AI Copyright Lawsuit Targets Meta Over Book and Journal Training Data
Major publishers and authors filed a class action alleging Meta used copyrighted works to train AI.
Why it matters: The suit highlights escalating fair use litigation risks for AI companies and introduces new challenges to standard AI training practices. A class-action outcome could reshape copyright liability for large language models and their developers.
- Five publishing giants and author Scott Turow filed a class-action against Meta and Mark Zuckerberg on May 5, 2026.
- The lawsuit claims Meta reproduced and distributed millions of books and articles without permission or payment.
- Meta will contest the suit, arguing AI training on copyrighted content can be fair use.
- In 2025, Anthropic settled a similar class action for $1.5 billion after training AI on copyrighted books.
On May 5, 2026, Elsevier, Cengage, Hachette Book Group, Macmillan, McGraw Hill, and author Scott Turow filed a class-action lawsuit targeting Meta and CEO Mark Zuckerberg. The complaint alleges Meta used millions of copyrighted books and journal articles as training data for its Llama AI platform without consent or compensation to rights holders.
The plaintiffs called Meta's conduct “one of the most massive infringements of copyrighted material in history,” accusing it of reproducing and distributing protected works at unprecedented scale. Their suit seeks to expand protection for authors whose work powers modern AI systems, with high-profile authors like James Patterson and Donna Tartt named among those affected. (Washington Post)

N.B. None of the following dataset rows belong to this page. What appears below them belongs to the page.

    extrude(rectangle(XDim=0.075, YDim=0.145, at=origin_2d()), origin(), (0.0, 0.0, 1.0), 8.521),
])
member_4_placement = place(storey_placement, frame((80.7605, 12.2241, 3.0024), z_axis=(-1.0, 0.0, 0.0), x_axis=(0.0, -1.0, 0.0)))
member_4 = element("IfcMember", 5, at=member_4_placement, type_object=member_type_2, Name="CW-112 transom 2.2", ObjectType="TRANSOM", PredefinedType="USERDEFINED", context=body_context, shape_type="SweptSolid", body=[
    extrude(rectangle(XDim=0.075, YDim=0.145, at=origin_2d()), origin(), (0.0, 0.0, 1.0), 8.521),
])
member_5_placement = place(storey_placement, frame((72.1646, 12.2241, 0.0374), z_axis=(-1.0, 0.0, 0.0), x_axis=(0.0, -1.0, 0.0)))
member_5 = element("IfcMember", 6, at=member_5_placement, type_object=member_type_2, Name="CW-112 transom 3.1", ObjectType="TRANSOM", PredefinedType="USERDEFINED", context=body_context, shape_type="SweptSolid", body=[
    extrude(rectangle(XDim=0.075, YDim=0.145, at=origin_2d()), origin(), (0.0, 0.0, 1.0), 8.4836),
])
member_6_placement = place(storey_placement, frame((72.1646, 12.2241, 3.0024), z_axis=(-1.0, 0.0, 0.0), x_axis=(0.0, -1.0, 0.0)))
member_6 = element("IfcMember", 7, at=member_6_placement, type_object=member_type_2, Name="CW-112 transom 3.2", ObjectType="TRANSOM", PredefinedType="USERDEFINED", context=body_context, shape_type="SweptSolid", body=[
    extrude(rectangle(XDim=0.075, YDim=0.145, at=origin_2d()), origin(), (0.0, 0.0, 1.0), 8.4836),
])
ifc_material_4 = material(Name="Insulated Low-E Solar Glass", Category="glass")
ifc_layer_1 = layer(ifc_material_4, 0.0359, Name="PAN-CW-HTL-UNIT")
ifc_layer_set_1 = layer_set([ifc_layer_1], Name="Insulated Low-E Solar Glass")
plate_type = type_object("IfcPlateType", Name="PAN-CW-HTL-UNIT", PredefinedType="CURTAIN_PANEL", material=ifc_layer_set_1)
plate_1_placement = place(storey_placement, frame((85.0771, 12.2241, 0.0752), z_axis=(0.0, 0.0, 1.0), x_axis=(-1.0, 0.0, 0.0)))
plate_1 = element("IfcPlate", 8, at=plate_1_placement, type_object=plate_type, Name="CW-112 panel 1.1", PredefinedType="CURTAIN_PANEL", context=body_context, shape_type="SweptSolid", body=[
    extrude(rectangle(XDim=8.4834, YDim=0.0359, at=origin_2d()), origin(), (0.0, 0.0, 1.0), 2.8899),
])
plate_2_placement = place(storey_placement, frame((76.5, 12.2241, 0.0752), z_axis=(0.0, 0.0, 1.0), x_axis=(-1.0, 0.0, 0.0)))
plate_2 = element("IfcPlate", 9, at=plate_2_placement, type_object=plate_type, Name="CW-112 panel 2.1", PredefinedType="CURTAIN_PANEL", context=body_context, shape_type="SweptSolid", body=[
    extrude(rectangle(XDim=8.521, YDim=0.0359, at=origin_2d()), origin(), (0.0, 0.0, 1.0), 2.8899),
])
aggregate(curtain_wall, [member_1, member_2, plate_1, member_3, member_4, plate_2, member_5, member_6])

Meta contends it will “fight this lawsuit aggressively,” maintaining that training AI on copyrighted material falls under fair use when done in accordance with legal standards. (Washington Post)
These claims follow a 2025 case in which Anthropic agreed to pay $1.5 billion to settle a class action initiated by authors, after allegedly using millions of copyrighted works to train its models. In that dispute, a federal judge ultimately ruled that AI training may constitute fair use—provided books are legally obtained—but allowed litigation to proceed if pirated content was involved. (Washington Post - Anthropic settlement; Washington Post - fair use ruling)
- The Meta class action could set a new precedent for how US courts address the intersection of copyright and AI.
- AI developers and in-house legal teams must watch how courts handle the scale of alleged infringements and evolving fair use defenses.
By the numbers:
- $1.5B — Anthropic’s 2025 settlement for alleged AI copyright infringement
- 5 — Major publishing houses suing Meta
- Millions — Alleged copyrighted works used by Meta to train Llama
Yes, but: A 2025 federal court found AI training on copyrighted works could be fair use if the material was legally acquired—potentially narrowing liability for some developers.